The most common grade 3/4 hematologic TEAEs in the DRd arm were neutropenia (50% vs 35% with Rd), lymphopenia (15% vs 11%), anemia (12% vs 20%), and thrombocytopenia (7% vs 9%).

The most frequently occurring nonhematologic TEAEs in the DRd arm included pneumonia (14% vs 8% with Rd); fatigue (8% vs 4%); diarrhea (7% vs 4%); deep vein thrombosis, pulmonary embolism, or both (6% in each arm); asthenia (4% in each arm); back pain (3% in each arm); constipation (2% vs <1%); peripheral edema (2% vs <1%); and nausea (1% vs &le;1%).
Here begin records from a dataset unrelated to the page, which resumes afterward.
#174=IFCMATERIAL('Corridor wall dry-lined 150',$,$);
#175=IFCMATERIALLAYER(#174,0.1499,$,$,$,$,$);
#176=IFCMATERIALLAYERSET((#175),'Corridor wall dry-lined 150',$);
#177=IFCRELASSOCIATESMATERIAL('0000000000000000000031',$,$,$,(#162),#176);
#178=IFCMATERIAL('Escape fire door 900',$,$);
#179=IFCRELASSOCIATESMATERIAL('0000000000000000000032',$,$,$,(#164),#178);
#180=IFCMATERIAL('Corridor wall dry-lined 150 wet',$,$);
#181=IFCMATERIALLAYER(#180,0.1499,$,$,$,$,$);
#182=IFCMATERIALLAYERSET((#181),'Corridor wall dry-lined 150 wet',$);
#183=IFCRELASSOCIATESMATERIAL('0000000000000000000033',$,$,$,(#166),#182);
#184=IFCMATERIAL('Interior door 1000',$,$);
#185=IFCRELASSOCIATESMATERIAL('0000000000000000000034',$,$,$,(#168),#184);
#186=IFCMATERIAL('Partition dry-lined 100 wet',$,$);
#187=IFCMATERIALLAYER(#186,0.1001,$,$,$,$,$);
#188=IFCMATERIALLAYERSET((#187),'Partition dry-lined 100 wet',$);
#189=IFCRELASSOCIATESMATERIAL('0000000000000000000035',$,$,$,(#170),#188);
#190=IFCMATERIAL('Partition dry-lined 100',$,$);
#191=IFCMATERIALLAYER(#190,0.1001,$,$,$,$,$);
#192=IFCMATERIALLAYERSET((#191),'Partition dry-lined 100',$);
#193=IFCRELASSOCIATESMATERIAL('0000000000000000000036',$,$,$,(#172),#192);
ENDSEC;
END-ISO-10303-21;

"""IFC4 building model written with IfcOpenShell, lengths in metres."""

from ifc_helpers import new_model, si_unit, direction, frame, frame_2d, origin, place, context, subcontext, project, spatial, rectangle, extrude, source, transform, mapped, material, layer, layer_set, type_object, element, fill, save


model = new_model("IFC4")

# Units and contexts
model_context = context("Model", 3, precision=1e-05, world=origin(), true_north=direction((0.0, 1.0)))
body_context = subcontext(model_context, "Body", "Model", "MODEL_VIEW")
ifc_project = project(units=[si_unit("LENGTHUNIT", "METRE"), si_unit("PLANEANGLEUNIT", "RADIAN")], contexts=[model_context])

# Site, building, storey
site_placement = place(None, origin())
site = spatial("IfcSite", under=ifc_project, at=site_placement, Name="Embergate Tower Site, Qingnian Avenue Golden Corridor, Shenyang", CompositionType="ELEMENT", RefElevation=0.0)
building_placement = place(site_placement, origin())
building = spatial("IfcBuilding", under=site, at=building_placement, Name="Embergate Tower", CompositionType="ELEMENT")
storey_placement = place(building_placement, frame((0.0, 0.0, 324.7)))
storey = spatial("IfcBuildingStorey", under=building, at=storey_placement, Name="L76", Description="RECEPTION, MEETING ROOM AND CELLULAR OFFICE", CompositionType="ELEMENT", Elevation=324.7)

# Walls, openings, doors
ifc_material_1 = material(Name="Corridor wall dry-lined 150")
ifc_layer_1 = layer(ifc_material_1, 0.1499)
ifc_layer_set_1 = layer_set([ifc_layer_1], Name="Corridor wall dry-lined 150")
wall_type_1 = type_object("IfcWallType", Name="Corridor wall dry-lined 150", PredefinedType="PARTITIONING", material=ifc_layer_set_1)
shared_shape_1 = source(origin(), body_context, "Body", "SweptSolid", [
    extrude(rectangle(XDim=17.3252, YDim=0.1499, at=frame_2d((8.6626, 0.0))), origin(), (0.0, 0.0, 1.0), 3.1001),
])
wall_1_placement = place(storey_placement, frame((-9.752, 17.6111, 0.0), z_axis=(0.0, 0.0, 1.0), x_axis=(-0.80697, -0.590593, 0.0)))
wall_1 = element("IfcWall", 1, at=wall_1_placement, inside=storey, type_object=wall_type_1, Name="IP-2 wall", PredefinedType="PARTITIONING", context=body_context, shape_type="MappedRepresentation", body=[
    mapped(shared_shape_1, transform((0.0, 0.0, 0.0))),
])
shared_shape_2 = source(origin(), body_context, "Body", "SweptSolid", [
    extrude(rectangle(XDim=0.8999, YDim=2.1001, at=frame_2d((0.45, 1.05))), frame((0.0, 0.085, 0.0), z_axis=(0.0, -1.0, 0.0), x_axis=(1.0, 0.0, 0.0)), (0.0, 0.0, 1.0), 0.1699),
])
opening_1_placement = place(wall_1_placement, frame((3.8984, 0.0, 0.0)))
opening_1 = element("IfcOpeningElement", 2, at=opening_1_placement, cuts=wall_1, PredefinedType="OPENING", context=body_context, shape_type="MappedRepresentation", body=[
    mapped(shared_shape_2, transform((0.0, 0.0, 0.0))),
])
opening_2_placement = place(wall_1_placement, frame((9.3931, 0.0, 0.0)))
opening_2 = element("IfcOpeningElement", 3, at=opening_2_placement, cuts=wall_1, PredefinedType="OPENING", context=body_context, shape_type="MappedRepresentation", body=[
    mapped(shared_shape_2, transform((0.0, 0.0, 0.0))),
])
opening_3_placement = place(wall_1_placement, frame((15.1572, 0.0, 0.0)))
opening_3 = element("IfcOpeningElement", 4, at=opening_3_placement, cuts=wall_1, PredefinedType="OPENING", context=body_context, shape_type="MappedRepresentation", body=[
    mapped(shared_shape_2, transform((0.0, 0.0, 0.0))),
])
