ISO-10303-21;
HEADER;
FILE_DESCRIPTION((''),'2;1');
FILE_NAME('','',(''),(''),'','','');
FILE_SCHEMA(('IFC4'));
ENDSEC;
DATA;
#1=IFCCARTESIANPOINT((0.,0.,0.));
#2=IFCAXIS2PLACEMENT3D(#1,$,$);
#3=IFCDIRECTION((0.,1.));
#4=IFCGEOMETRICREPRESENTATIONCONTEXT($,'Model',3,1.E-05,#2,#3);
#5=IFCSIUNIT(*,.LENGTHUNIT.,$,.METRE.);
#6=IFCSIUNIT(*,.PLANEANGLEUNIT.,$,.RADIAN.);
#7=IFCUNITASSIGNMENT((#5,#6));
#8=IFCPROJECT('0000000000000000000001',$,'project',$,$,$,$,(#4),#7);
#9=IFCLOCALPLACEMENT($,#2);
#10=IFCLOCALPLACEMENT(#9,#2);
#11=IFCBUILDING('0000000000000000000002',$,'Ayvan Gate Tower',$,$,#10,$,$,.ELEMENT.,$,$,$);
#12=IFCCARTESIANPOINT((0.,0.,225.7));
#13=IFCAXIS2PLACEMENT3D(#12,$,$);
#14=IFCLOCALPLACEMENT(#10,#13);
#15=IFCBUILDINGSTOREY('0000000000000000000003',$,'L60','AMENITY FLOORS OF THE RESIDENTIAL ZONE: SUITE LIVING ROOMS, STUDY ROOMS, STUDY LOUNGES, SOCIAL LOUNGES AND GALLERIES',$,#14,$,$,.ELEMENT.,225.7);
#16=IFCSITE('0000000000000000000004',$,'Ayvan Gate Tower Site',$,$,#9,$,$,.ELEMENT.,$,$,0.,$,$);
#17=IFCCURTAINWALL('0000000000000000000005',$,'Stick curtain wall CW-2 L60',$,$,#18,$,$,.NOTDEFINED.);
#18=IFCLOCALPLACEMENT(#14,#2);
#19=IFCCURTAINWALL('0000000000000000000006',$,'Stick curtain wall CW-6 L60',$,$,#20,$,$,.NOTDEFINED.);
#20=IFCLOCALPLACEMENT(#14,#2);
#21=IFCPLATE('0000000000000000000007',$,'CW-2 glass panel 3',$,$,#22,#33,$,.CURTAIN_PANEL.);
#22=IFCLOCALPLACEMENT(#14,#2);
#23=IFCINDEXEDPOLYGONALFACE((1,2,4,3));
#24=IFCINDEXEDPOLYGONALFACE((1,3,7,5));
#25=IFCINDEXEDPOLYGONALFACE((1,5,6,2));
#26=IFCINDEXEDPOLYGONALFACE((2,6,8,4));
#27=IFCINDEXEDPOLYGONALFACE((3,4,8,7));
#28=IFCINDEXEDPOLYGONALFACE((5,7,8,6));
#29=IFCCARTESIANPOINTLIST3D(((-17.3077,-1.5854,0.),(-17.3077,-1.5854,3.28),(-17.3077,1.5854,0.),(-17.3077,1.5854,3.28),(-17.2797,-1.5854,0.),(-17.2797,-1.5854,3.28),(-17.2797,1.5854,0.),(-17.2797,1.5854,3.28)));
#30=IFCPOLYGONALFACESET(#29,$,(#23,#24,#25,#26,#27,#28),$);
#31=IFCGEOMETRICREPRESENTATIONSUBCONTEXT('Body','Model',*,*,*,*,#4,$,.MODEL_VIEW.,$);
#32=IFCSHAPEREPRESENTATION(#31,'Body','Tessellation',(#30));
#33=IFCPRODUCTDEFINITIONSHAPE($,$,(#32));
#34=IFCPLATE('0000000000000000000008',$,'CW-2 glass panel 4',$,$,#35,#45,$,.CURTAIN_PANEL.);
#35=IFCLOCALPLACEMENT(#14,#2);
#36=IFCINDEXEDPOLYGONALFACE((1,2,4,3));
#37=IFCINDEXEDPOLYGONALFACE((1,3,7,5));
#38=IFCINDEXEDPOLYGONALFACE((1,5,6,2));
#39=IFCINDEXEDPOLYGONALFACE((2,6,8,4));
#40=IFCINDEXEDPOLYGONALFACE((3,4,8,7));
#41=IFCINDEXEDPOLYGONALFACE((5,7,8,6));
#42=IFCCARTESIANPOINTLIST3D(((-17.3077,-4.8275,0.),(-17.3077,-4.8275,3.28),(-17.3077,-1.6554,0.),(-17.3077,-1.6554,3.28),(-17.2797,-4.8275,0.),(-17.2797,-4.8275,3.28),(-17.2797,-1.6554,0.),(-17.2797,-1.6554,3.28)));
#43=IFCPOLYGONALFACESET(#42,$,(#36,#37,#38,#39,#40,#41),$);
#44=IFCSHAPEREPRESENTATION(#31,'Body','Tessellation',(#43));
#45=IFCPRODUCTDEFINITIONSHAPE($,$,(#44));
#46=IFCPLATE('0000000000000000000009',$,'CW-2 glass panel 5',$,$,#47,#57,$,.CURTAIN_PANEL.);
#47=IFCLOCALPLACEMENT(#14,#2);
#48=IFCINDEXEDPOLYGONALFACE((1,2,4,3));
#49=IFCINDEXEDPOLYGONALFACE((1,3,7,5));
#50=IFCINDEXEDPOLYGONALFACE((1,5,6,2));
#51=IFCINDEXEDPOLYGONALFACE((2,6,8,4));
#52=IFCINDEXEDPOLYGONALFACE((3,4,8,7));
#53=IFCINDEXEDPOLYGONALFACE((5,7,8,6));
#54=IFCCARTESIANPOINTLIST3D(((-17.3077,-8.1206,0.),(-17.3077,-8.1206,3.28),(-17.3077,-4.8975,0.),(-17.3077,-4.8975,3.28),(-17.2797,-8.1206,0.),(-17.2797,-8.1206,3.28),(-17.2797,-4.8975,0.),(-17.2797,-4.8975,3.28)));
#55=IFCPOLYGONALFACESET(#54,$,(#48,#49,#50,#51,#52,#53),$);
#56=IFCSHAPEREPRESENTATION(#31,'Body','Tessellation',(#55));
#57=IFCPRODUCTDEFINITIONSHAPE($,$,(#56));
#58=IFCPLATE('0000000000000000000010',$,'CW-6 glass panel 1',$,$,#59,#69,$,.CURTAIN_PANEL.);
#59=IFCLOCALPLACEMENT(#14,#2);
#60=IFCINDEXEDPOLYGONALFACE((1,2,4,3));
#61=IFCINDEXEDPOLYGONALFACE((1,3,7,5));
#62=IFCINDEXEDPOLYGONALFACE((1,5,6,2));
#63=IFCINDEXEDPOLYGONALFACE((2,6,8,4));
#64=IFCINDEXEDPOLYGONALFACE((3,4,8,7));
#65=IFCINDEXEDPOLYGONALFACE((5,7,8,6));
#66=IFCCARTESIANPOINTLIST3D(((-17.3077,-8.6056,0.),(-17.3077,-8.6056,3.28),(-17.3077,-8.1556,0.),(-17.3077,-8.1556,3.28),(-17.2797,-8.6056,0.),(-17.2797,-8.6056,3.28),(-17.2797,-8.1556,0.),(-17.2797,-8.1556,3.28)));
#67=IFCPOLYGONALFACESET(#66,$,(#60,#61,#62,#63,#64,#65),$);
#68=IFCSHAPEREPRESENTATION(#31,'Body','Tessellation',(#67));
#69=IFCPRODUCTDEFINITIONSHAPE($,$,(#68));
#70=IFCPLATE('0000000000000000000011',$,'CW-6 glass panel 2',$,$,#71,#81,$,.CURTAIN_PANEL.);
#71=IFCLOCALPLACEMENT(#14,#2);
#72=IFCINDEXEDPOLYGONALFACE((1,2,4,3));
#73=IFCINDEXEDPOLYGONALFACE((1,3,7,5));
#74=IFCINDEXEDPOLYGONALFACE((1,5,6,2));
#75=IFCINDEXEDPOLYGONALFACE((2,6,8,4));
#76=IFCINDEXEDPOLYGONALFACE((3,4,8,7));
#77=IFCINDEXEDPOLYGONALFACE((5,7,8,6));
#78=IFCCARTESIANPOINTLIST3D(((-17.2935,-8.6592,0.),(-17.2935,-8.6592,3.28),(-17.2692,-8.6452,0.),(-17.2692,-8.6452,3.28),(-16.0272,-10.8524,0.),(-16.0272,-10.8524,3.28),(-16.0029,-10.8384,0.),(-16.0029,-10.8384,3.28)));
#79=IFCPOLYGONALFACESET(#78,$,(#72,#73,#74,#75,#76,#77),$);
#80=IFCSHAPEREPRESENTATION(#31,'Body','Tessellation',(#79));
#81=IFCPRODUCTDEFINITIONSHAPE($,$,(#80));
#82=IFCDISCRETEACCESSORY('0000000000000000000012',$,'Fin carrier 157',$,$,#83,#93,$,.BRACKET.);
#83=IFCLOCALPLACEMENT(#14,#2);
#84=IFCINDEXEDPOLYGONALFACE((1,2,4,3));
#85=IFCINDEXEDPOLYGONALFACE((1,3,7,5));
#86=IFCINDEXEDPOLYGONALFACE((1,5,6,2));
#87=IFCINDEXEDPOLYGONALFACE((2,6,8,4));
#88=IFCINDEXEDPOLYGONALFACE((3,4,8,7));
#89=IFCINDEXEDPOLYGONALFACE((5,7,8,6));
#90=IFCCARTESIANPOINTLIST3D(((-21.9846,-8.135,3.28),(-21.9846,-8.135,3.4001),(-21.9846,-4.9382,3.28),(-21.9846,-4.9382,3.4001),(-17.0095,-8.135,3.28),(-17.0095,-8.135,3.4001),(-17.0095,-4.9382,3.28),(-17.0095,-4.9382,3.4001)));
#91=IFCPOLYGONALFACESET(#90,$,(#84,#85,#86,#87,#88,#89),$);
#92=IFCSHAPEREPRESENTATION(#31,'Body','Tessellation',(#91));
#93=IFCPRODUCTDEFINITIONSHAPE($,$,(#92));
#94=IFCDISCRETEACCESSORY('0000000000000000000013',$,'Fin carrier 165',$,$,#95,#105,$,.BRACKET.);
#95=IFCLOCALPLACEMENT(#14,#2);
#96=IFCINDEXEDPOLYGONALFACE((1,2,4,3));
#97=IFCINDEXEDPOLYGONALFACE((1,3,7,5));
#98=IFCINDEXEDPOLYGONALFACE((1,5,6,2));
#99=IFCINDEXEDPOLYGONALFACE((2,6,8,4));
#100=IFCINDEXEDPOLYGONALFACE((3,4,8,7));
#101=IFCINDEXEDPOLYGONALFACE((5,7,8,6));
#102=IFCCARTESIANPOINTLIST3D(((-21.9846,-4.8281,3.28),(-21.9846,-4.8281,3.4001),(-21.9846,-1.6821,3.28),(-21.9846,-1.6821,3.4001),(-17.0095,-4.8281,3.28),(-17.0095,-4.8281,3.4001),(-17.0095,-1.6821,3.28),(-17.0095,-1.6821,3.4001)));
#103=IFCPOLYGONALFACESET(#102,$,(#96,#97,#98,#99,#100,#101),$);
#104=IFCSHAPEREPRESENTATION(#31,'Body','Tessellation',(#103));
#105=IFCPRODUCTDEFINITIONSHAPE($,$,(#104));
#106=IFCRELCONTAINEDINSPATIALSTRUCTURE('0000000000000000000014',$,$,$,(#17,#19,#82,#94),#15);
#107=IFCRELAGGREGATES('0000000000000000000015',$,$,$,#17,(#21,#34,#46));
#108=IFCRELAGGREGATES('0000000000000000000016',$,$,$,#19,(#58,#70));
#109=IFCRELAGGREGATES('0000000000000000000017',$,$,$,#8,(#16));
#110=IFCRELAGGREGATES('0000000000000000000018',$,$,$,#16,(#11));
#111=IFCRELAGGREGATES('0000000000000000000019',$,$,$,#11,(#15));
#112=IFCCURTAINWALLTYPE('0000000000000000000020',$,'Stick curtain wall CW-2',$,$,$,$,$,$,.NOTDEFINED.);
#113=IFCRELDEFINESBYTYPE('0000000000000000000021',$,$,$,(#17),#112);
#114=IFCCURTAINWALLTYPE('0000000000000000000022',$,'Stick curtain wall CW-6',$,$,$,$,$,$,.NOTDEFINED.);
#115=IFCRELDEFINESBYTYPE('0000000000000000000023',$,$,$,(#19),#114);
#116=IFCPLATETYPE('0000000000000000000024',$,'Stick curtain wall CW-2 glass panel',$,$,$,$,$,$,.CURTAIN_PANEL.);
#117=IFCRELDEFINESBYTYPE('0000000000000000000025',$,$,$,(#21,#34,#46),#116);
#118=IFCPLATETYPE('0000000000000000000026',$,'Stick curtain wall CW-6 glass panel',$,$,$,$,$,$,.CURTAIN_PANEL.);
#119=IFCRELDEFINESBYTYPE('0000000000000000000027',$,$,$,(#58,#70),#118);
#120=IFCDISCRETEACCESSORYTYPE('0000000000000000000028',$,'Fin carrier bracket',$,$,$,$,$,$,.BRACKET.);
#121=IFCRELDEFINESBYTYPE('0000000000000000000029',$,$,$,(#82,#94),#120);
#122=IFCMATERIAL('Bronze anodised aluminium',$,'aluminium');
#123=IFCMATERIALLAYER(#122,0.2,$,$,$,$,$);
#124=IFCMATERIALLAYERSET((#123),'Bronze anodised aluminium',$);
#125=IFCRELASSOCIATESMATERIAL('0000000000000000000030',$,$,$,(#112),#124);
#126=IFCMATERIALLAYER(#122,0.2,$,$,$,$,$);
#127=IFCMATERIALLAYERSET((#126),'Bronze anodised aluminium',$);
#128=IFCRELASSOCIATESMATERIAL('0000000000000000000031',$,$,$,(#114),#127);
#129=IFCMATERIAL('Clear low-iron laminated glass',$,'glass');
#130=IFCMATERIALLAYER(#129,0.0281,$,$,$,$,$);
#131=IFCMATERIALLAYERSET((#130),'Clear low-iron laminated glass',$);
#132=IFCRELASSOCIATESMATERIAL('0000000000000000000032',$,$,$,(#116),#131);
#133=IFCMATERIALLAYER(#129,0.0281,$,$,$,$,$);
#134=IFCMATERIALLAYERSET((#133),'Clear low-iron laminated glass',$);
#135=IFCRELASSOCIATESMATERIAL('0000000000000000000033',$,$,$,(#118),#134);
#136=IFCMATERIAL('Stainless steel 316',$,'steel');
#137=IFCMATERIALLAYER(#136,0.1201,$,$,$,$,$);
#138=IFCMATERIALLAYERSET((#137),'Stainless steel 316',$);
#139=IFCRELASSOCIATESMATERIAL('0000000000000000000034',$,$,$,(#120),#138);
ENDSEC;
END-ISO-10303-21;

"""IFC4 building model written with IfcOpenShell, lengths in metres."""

from ifc_helpers import new_model, si_unit, direction, frame, origin, origin_2d, place, context, subcontext, project, spatial, rectangle, extrude, material, layer, layer_set, type_object, element, aggregate, save


model = new_model("IFC4")

# Units and contexts
model_context = context("Model", 3, precision=1e-05, world=origin(), true_north=direction((0.0, 1.0)))
body_context = subcontext(model_context, "Body", "Model", "MODEL_VIEW")
ifc_project = project(units=[si_unit("LENGTHUNIT", "METRE"), si_unit("PLANEANGLEUNIT", "RADIAN")], contexts=[model_context])

# Site, building, storey
site_placement = place(None, origin())
site = spatial("IfcSite", under=ifc_project, at=site_placement, Name="Ayvan Gate Tower Site", CompositionType="ELEMENT", RefElevation=0.0)
building_placement = place(site_placement, origin())
building = spatial("IfcBuilding", under=site, at=building_placement, Name="Ayvan Gate Tower", CompositionType="ELEMENT")
storey_placement = place(building_placement, frame((0.0, 0.0, 225.7)))
storey = spatial("IfcBuildingStorey", under=building, at=storey_placement, Name="L60", Description="AMENITY FLOORS OF THE RESIDENTIAL ZONE: SUITE LIVING ROOMS, STUDY ROOMS, STUDY LOUNGES, SOCIAL LOUNGES AND GALLERIES", CompositionType="ELEMENT", Elevation=225.7)

# Curtain walls
ifc_material_1 = material(Name="Bronze anodised aluminium", Category="aluminium")
ifc_layer_1 = layer(ifc_material_1, 0.2)
ifc_layer_set_1 = layer_set([ifc_layer_1], Name="Bronze anodised aluminium")
curtain_wall_type_1 = type_object("IfcCurtainWallType", Name="Stick curtain wall CW-2", PredefinedType="NOTDEFINED", material=ifc_layer_set_1)
curtain_wall_1_placement = place(storey_placement, origin())
curtain_wall_1 = element("IfcCurtainWall", 1, at=curtain_wall_1_placement, inside=storey, type_object=curtain_wall_type_1, Name="Stick curtain wall CW-2 L60", PredefinedType="NOTDEFINED")
ifc_layer_2 = layer(ifc_material_1, 0.2)
ifc_layer_set_2 = layer_set([ifc_layer_2], Name="Bronze anodised aluminium")
curtain_wall_type_2 = type_object("IfcCurtainWallType", Name="Stick curtain wall CW-6", PredefinedType="NOTDEFINED", material=ifc_layer_set_2)
curtain_wall_2_placement = place(storey_placement, origin())
curtain_wall_2 = element("IfcCurtainWall", 2, at=curtain_wall_2_placement, inside=storey, type_object=curtain_wall_type_2, Name="Stick curtain wall CW-6 L60", PredefinedType="NOTDEFINED")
"Today's approval of DARZALEX underscores the significant clinical benefit of this CD38 monoclonal antibody and our efforts to advance treatment paradigms to change the course of the disease," Craig Tendler, MD, vice president, Clinical Development and Global Medical Affairs, Oncology, Janssen Research & Development, LLC, the developer of daratumumab, stated in the press release. "Importantly, this milestone also highlights the efficiency of the FDA's Real-Time Oncology Review process, ensuring that proven treatment regimens, such as DARZALEX plus lenalidomide and dexamethasone, are made available to patients as soon as possible."

References

  1. Janssen Announces U.S. FDA Approval of DARZALEX (daratumumab) in Combination with Lenalidomide and Dexamethasone for Newly Diagnosed Patients with Multiple Myeloma Who Are Transplant Ineligible . Janssen. Published June 27, 2019. https://prn.to/2ZSPDkN. Accessed June 27, 2019.
  2. Facon T, Kumar SK, Plesner T, et al. Phase 3 Randomized Study of Daratumumab Plus Lenalidomide and Dexamethasone (D-Rd) Versus Lenalidomide and Dexamethasone (Rd) in Patients with Newly Diagnosed Multiple Myeloma (NDMM) Ineligible for Transplant (MAIA). Presented at: 2018 ASH Annual Meeting; December 4-8, 2018; San Diego, CA. Abstract LBA-2.
  3. Facon T, Kumar S, Plesner T, et al. Daratumumab plus Lenalidomide and Dexamethasone for Untreated Myeloma.N Eng J Med.2019;380:2104-2115. doi: 10.1056/NEJMoa1817249.